Thankyou Threat System for keeping me safe….
Have you ever wondered why as human beings we feel anxiety? Fear? Anger? Disgust? They’re kind of a pain, so why have we evolved to experience them? Life would be much simpler if we didn’t….
And in some ways it would.
But in other ways we need them. Because these emotions are signals to alert us if something is wrong, and they’re designed to be uncomfortable so that we pay attention to them and do something about it. They are linked with our “threat system”, which is described in Compassion Focused Therapy as the areas of our brain that are designed to alert us to potential threats. These parts of the brain are part of the “old brain”, structures that have been around for many hundreds of thousands of years, and are tasked with the fundamentals in life – safety, survival, resources, attachments and reproduction. And they are brilliantly effective at what they are designed to do – which is getting us to pay attention to potential threats and react in order to minimise the risk of harm. They trigger threat responses that either activate us (fight or flight), or deactivate us (freeze, flop, fawn).
But the trouble is, our brains have evolved and we aren’t only governed by the “old brain”. We have relatively newer parts of the brain, particularly the pre-frontal cortex, that are evolutionary new kids of the block, and allow us to do all of the astonishing things we can do as human beings….plan, reason, ruminate, learn from the past and plan for the future, apply logic…it’s these areas of the brain that separate us (as far as we know) from other mammals.
But….
It’s also these parts of the brain that cause us problems as human beings. Paul Gilbert refers to it as the “tricky brain”, because it’s the interaction between the new and the old parts of the brain that can add to our distress. And here’s how…
Our old brain involves structures including the amygdala (hot spot for emotions) and the hippocampus (headquarters for memory), and they are designed to react quickly and often reflexively. And in a life or death situation, this makes sense. We haven’t got time to sit and digest it, ponder on how to respond….we just need to act. However, these same parts of the brain can be activated by perceived threats, as well as real ones. And this is where the new brain comes in….we can ruminate on something that’s happened a long time, that poses no current threat to us, but our thoughts and perceptions of it still feel very current and so can activate the old brain and all those uncomfortable emotions. And to the other end of the spectrum, we can imagine threats, anticipating situations that have not even happened yet.

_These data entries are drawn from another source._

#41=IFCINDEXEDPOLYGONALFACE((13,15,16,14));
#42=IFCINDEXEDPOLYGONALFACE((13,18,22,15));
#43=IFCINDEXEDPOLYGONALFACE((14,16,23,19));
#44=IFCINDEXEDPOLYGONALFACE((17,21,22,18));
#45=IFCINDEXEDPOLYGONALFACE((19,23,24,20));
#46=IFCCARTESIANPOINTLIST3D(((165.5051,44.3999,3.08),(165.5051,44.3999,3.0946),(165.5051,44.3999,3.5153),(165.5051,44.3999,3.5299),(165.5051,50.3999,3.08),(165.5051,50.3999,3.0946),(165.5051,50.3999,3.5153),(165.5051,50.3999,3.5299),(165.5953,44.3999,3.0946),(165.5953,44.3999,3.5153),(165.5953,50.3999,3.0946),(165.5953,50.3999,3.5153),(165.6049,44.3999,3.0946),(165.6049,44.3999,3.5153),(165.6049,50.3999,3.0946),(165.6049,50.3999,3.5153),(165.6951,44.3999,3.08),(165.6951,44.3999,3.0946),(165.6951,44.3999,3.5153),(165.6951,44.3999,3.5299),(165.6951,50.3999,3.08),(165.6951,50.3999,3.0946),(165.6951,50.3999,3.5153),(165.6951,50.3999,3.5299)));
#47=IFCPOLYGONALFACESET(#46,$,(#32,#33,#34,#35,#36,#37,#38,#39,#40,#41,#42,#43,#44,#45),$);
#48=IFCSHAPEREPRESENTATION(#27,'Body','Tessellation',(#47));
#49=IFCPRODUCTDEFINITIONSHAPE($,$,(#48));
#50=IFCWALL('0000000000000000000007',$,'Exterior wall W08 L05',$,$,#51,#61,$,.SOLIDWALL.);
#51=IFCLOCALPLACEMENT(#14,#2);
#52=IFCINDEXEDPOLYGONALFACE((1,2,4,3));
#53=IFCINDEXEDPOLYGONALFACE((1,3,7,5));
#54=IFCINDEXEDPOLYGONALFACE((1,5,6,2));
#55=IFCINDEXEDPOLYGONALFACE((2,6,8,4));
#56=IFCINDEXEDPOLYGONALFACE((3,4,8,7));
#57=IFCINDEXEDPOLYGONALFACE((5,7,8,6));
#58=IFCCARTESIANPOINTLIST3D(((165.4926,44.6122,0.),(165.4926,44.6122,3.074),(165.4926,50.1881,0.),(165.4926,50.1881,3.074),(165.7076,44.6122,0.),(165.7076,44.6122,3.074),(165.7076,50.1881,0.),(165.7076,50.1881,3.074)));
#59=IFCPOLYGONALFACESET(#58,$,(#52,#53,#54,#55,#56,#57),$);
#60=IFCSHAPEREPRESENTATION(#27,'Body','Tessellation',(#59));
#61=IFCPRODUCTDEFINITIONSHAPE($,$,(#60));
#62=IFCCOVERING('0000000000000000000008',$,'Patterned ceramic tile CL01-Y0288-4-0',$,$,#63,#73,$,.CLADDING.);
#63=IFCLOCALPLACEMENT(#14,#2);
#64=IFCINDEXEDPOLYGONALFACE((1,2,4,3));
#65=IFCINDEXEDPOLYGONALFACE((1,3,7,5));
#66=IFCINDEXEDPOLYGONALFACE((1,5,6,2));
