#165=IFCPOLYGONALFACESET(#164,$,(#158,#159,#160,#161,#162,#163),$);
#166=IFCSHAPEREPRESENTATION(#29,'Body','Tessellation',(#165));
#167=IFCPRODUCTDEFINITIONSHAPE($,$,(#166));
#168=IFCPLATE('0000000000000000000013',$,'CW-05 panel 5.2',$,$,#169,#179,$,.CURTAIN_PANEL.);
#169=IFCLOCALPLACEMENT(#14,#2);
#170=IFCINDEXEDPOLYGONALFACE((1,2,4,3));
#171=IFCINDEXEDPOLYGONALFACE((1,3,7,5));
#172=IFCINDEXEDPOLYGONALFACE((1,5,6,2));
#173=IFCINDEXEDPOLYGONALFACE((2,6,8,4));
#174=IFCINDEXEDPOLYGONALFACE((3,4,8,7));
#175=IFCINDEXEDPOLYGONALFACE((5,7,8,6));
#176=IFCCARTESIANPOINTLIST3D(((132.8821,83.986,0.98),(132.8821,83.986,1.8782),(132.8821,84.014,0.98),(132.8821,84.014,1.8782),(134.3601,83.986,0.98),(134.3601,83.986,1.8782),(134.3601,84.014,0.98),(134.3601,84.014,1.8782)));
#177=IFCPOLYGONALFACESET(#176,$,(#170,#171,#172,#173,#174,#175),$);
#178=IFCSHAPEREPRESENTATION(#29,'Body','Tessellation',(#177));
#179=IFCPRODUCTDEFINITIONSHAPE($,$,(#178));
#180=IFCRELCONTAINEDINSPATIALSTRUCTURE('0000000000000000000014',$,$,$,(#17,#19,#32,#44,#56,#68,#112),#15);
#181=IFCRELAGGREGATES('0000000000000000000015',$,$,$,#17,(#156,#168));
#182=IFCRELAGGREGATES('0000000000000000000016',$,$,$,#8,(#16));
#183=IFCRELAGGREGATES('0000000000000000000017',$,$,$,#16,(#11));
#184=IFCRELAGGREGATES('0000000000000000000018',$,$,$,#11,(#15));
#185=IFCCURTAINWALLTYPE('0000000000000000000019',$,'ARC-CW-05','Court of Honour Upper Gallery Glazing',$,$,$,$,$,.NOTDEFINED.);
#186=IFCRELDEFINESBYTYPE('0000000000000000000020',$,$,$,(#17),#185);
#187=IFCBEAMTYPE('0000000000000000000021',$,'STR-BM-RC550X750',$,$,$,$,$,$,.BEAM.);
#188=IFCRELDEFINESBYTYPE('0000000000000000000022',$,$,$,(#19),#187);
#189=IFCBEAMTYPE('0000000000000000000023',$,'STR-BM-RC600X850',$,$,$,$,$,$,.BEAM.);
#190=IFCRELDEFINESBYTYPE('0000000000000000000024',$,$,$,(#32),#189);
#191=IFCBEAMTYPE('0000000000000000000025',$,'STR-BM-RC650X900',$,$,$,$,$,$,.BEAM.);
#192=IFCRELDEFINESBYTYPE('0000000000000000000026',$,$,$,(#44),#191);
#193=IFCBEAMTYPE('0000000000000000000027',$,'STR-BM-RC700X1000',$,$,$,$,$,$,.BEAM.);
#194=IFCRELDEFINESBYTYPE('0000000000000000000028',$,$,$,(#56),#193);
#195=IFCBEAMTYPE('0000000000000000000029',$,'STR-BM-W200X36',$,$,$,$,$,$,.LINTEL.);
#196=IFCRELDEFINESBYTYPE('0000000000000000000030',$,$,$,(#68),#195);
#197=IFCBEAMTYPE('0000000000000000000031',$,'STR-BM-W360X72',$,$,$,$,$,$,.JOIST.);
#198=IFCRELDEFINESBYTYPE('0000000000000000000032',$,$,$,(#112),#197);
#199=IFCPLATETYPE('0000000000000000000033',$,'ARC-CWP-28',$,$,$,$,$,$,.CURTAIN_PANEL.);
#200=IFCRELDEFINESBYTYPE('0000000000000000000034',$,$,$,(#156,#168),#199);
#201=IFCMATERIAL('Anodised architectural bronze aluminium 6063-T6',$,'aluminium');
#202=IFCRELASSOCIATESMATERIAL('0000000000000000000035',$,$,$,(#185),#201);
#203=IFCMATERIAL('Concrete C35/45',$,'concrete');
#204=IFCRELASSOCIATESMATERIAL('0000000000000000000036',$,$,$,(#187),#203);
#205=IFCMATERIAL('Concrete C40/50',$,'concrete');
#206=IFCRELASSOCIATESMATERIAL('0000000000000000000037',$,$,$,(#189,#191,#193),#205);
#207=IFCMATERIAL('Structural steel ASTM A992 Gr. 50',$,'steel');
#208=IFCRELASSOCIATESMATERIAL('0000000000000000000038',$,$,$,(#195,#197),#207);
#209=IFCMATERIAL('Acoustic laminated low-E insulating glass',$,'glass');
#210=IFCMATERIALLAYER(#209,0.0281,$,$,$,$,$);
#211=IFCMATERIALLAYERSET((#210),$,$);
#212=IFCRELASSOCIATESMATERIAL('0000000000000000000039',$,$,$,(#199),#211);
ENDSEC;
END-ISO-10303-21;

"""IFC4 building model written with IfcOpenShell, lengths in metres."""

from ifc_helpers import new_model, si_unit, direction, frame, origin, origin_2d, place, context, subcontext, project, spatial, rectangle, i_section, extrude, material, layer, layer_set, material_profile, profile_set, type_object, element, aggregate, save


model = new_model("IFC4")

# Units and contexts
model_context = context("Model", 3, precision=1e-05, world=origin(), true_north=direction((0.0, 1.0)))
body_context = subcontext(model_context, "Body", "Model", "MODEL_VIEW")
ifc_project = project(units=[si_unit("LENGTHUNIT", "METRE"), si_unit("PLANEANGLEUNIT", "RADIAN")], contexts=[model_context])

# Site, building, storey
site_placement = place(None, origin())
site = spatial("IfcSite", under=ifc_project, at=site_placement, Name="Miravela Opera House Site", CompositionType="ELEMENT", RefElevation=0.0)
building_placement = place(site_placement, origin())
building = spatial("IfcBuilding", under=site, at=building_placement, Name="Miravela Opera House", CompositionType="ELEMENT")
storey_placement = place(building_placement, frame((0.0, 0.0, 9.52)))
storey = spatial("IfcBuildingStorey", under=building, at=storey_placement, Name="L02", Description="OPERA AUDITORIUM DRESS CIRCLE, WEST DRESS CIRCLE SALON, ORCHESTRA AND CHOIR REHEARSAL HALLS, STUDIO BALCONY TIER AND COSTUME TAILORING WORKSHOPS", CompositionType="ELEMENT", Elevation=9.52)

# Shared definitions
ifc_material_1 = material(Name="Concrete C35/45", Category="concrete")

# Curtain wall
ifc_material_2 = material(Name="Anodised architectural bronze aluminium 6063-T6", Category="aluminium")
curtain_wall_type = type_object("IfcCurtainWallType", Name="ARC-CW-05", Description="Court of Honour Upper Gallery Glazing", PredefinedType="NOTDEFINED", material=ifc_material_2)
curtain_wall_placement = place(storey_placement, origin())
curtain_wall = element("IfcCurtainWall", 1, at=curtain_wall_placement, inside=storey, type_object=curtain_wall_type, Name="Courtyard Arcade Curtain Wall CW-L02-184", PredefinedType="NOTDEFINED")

And this is still enough to trigger our old brain into feeling the same as if it were happening….and so this interaction can become “tricky”, adding to our suffering or emotional distress when at times it may not need to.
We can dwell and ruminate on things that keep us locked in the past.
We can imagine future scenarios where terrible things happen (but haven’t actually happened).
And we feel it.
And this is ultimately down to our threat system being activated by these tricky interactions, and responding how it’s designed to – by ringing the alarm, by sending out those signals “Be careful, don’t let your guard down!” And, man alive, it’s hard to function when our threat system is activated. It rules the roost. And it’s designed to – so thankyou, Threat System, for doing what you’re designed to do. I appreciate you looking out for me.
But this is where the wisdom comes in….
The knowledge that our threat system can be activated at times when it doesn’t necessarily need to be. Often by the “tricky brain”. Because our threat system is designed on a “better safe than sorry” principle. It’s better to react as if it’s a bear in the woods, rather than hang about and check. And so, even though the threats we tend to face now (whether that be physical, verbal, social, emotional) are rather different from a bear ready to pounce, our threat system still acts first (thinks later). And so it can become hypersensitive over time.
If we’ve faced adversity and stress and trauma, it learns that it needs to keep it’s guard up more than ever. And so can be set off by the slightest thing, and that’s when we notice that we’re feeling on edge a lot of the time. Anxious. Struggling to relax. Irritable. Problems sleeping. Angry.
And it’s often at this point that I get to meet people in therapy, who have had enough of living like this. And want to explore what can help. And for me, exploring and understanding psychoeducation around our brains and how wonderful (and wonderfully tricky) they are is often the first step, because it brings with it a sense of “ah, ok – I get what’s going on”. And it brings in more compassion, and opens up avenues for how things can start to feel different. Because when we can understand why our threat system has become hypersensitive because of things we’ve lived through and because of how life has been, we can be more tolerant of a threat system that is on high alert. And then we can start to consider the things that help the threat system to learn that it’s ok now – in this moment, we are safe. Things like breathing, imagery, processing past trauma, nurturing our self-compassion, coping skills, vagus nerve stimulation, mindfulness, grounding techniques.
There is so much out there that can help regulate us, it’s just a case of trying things and finding the things that work for us.
So – thankyou Threat System for keeping me safe. I value you and appreciate your efforts. But you can take a break for a bit….I’ve got this.